Nedense bizim şaşıracak şeyleri olağan karşılamak... Olağan şeylere şaşırmak gibi garip bir huyumuz da var... Mesela rüşvet karşılığı eroin kaçakçılarını serbest bırakan DGM yargıçlarına çok şaşırıldı. Peşinden Manisa'da işkence sanığı polisleri beraat ettiren yargıçlara şaşırdık... Sanki toplumun tüm katmanları çürürken 150 milyon lira maaş ödeyip tek başına sokağa saldığımız savcı ve yargıçlar bağımsızlıklarını kahramanca sürdürecek, her türlü baskıya meydan okuyup tarafsız kararlar alacaklardı. Nasıl olacaksa?
Yargı'nın; çetenin veya birkaç polis memurunun karşısında yasaları uygulayacak gücünün kalmadığını görmek istemiyoruz. O yüzden her defasında yeniden şaşırıyoruz...

Türk Hava Yolları'nın deneyli pilotlarından Ümit Bağcı'ya geçenlerde bir dost toplantısında o klasik soru soruldu:
- Uçak tehlikeli değil mi Kaptan? Siz hiç korkmuyor musunuz?
Kaptan dedi ki:
- Sizin büyük babanız yatakta ölmedi mi?..
- Evet...
- Peki onun babası?
- O da yatakta öldü...
- Peki siz akşam yatağa girerken korkuyor musunuz?..
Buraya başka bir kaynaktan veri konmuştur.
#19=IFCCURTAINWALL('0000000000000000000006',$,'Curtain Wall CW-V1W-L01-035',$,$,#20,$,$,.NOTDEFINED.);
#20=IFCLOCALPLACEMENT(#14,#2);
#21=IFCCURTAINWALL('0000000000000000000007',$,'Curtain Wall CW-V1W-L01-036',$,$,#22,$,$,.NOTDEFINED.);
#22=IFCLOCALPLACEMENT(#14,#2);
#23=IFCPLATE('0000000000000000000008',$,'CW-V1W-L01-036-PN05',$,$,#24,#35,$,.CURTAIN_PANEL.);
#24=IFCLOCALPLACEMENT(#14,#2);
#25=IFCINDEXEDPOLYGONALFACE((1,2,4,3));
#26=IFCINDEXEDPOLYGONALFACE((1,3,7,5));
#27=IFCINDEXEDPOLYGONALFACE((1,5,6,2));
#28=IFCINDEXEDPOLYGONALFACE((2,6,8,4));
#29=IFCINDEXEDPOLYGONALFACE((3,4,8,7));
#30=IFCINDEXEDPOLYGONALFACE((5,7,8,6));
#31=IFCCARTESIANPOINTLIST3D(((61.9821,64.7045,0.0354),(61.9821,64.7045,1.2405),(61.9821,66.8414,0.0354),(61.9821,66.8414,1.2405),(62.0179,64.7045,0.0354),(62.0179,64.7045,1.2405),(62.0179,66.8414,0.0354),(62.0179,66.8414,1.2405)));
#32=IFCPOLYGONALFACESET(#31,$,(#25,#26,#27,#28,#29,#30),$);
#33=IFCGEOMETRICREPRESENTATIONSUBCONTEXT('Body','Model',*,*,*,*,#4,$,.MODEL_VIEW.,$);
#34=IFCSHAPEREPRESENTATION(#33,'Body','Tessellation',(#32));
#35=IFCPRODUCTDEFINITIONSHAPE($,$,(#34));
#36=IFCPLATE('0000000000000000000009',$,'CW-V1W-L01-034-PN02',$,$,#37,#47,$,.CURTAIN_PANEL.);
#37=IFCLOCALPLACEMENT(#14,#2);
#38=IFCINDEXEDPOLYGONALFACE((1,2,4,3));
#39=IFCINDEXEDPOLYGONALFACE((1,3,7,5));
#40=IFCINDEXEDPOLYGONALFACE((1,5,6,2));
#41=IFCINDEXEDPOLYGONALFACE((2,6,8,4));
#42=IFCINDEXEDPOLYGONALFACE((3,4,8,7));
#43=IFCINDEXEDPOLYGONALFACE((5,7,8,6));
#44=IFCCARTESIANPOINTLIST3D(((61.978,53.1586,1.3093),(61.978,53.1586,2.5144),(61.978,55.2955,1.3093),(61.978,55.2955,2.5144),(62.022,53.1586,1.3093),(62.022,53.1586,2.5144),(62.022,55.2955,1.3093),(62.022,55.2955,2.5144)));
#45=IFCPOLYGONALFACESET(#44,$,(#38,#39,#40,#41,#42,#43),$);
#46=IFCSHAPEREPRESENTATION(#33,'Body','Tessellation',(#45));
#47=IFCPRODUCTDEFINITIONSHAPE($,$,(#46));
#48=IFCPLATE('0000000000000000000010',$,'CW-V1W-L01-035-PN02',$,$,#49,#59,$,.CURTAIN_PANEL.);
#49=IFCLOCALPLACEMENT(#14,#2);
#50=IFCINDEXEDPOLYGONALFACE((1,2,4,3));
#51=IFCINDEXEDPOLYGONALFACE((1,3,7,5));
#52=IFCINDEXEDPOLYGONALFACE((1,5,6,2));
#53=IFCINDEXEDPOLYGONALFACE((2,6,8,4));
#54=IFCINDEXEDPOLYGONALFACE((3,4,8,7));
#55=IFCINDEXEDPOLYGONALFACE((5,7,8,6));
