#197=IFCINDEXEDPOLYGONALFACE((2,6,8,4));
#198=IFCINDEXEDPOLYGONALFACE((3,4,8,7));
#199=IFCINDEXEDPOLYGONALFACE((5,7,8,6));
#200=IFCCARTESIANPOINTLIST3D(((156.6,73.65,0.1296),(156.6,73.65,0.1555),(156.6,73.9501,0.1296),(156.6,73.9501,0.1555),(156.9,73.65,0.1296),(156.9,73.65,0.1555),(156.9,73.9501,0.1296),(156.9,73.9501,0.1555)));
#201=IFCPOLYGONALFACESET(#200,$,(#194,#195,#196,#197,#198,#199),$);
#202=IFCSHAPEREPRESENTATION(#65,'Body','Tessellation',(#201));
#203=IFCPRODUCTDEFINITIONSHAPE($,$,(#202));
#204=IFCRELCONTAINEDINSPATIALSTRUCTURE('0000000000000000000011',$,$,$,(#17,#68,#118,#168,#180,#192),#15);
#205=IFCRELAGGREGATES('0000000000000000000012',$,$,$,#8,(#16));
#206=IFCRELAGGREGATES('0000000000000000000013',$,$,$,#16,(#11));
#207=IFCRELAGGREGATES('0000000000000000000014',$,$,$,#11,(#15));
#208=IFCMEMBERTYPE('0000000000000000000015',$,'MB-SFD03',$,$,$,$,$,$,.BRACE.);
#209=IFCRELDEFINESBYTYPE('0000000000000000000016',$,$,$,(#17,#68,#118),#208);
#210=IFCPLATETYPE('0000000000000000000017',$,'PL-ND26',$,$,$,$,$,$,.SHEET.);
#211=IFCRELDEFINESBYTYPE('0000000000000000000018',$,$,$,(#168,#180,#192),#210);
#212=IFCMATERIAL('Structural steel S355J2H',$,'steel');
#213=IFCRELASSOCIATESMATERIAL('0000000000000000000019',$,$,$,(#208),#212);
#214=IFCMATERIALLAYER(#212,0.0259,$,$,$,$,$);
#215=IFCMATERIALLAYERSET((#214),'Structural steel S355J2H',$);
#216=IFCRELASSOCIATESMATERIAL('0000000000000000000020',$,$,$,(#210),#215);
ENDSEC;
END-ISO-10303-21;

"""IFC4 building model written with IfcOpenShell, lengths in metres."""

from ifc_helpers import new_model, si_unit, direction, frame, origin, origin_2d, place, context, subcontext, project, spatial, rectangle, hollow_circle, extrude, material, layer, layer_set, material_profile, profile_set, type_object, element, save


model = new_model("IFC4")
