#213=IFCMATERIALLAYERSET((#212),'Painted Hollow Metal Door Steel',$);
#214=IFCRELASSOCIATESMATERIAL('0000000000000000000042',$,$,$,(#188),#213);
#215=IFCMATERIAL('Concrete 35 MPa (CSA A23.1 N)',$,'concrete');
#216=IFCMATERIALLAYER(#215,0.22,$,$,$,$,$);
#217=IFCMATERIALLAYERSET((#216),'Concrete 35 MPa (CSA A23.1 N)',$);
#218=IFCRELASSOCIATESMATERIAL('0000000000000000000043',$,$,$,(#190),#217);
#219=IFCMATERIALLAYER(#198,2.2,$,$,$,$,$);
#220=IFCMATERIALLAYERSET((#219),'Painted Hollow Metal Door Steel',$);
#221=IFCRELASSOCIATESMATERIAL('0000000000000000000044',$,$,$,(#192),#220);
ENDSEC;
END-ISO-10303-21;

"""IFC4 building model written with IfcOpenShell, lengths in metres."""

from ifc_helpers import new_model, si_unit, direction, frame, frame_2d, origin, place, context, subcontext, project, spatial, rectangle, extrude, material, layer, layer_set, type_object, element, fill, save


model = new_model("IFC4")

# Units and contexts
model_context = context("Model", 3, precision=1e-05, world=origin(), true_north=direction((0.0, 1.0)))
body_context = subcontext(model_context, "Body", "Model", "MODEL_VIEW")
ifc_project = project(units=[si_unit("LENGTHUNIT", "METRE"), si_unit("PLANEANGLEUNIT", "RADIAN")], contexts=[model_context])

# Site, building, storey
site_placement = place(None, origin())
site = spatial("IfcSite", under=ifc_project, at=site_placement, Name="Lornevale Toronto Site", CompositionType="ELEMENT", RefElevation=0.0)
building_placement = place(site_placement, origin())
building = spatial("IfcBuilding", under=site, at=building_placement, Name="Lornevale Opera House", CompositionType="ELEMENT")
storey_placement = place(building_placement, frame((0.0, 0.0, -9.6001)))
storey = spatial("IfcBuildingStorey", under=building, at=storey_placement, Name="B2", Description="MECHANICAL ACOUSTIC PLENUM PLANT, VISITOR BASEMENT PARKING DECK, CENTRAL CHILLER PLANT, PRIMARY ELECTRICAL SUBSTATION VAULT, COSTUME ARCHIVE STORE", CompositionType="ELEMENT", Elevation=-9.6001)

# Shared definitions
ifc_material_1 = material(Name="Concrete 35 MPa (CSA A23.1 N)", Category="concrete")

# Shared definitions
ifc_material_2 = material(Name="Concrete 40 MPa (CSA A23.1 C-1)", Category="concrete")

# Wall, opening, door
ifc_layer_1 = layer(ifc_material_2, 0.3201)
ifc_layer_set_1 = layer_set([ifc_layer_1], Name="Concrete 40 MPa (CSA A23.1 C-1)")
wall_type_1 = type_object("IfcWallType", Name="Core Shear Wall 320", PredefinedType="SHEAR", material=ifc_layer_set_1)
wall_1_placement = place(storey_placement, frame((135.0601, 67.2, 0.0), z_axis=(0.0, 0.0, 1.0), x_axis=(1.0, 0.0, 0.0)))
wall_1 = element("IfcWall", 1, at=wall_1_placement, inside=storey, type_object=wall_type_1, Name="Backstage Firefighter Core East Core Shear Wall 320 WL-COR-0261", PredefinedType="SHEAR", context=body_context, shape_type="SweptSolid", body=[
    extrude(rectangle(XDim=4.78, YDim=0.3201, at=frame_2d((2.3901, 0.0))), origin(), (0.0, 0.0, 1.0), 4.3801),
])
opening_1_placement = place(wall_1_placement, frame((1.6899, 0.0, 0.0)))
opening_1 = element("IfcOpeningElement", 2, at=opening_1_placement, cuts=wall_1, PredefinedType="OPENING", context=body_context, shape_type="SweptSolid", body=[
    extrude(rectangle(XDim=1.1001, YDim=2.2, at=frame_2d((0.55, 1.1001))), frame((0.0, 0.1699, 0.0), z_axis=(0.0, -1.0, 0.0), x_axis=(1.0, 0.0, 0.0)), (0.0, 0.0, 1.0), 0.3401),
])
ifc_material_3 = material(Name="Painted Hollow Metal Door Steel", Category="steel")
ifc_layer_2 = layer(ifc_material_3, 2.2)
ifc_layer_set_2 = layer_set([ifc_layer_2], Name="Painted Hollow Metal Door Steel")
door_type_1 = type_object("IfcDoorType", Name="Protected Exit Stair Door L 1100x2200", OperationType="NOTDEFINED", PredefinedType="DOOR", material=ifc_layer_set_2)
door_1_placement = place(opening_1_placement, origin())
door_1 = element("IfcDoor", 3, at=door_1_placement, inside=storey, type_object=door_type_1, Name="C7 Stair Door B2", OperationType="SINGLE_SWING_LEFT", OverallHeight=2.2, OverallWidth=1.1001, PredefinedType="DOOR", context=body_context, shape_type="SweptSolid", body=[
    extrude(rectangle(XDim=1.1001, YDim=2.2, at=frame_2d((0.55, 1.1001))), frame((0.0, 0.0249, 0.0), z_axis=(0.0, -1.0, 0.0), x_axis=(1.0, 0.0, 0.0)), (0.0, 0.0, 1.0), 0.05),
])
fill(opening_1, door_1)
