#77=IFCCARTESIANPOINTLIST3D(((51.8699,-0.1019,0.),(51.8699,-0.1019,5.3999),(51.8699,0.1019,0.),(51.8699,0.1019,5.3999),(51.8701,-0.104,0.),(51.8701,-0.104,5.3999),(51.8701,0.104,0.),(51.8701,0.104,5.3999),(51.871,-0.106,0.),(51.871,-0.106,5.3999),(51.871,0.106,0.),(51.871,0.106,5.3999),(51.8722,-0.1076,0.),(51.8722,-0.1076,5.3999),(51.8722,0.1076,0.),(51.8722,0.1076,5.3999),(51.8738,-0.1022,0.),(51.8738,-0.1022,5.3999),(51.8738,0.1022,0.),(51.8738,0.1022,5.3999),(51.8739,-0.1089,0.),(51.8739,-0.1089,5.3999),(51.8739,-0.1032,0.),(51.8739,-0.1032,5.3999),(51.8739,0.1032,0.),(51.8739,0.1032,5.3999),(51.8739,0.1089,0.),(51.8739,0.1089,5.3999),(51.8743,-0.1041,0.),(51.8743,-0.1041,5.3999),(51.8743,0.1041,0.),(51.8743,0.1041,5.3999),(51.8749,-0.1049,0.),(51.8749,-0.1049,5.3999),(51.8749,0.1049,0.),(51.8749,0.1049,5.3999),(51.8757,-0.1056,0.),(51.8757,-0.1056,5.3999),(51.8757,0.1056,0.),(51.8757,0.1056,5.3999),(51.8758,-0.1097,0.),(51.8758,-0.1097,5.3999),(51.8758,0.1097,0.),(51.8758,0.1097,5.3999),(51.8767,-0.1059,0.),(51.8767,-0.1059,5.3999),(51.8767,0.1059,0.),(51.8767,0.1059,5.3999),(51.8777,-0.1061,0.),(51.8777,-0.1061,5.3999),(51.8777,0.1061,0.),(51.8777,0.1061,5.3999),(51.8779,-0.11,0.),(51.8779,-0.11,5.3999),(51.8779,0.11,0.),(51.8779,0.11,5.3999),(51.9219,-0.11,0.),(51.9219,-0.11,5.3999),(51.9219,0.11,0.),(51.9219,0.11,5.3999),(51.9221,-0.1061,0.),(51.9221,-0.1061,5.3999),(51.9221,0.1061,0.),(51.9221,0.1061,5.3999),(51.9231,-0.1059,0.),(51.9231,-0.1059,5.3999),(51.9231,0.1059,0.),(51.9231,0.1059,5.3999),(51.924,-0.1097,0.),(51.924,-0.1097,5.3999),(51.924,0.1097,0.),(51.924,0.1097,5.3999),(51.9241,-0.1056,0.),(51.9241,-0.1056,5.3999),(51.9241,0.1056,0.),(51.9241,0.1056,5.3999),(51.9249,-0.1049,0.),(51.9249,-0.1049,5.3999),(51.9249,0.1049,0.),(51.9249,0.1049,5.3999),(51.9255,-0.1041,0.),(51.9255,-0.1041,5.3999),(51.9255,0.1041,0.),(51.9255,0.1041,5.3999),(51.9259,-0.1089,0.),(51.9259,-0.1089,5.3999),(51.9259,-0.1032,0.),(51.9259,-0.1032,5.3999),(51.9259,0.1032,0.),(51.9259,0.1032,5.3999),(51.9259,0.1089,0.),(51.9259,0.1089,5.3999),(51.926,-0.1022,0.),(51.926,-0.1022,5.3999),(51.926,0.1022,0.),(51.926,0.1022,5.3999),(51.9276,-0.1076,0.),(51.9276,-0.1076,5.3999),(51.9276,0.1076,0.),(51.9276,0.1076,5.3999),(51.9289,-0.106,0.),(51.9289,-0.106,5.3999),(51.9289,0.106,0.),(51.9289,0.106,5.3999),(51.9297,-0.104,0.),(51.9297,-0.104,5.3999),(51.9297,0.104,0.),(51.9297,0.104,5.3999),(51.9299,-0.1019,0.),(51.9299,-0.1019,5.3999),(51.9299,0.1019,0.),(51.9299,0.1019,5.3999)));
İzmir Belediye Başkanı Burhan Özfatura, İzmir Körfezi'ni içten dolaşacak 6 şeritli yolun başlama emrini verirken, Cumhuriyet Meydanı - Konak arasında kalan bölgenin SİT olduğunu, buradan yol geçirilemeyececeğini biliyordu. Kordon'un İzmir'in simgesi olduğunu, böyle simgelerin "Ben yaptım oldu" mantığıyla iptal edilemeyeceğini de bilmek durumundaydı. Bilmese bile yaptığı işin "yanlışlığı" kendisine Mimarlar Odası'ndan Çevre Mühendisleri Odası'na, Şehir Plancıları Odası'ndan İnşaat Mühendisleri Odası'na, yaklaşık 20 uzman sivil toplum kuruluşu tarafından bildirilmişti.
Üstelik Kordon otoyolunun mucidi de o değildi. Proje daha önceki CHP'li Başkan Yüksel Çakmur tarafından kamuoyu gündemine getirilmişti. Çakmur kendisinden brifing isteyen sivil toplum kuruluşlarının karşısına kendi uzmanlarını değil, Bayındır Holding mühendislerini çıkarınca işin aslı da belli olmuş; bunun Belediye değil Bayındır Holding prodüksiyonu olduğu anlaşılmıştı. Yüksel Çakmur meslek kuruluşlarının muhalefetine rağmen, Kordon otoyolunu başlatma kararındaydı. Ancak CHP'li Bayındırlık Bakanı Onur Kumbaracıbaşı izin vermedi. Proje yattı...
Acaba çevreciler ve uzmanlar bu otoyola neden karşıydı? Çünkü Otoyol hem İzmir'in simgesini yok edecek, hem halkın denizle ilgisini kesecekti. Üstelik de otoyolun önünü kesen bir SİT alanı vardı.
Burhan Özfatura bütün bunları bile bile Bayındırlık Holding'e "Başla" komutunu verdi. Liman ile Cumhuriyet Meydanı arası toprakla dolduruldu. Herkes dolgu SİT sınırına dayandığında sonrasının ne olacağını merak ediyordu. Hiçbir şey olmadı. Dolgu durdu. Ancak duran dolgu üzerinde yol hazırlıkları başladı.
Derken geçen hafta İzmir Koruma Kurulu, dolgunun yapıldığı alanı da SİT ilan etti. Bu durumda dolgu üzerinde de artık yol çalışmaları yapılamayacaktı. Koruma Kurulu'nun bu kararı İzmir'in "şehirci", "mimar", "çevre mühendisi", "çevre avukatı" bilumum uzman ve korumacı kuruluşlarından alkış alırken çok tuhaf bir gelişme oldu... Kültür Bakanlığı, İzmir Koruma Kurulu'nun kararını iptal etti. Bu yönde yoğun bir kulis yürüten DSP milletvekili Ahmet Priştina:
- Karar "usülden " iptal edildi, Kurul aynı yönde usülüne uygun yeni bir karar alabilir...
derken... Kurul üyeleri üzerinde "eğer kararı değiştirmezseniz görevden alınacaksınız" yollu bir baskı başlatıldığı bildiriliyor... Yanlışlıklar komedyası bir ayıplar komedyasına dönüşüyor. Kültür Bakanlığı aydın çevreleri şaşırtan bir tavır izliyor bu konuda... Bakan İstemihan Talay'ın tavrı da şaşırtıyor aynı çevreleri. Çözüm mü? Basit... Doldurulan alanı "Taşıtlara kapalı, halka açık" bir rekreasyon alanı yaparak bütün İzmir'i mutlu etmek... Bayındır Holding'in otoyol hizmetindeki ısrarını bir başka alanda değerlendirmek..!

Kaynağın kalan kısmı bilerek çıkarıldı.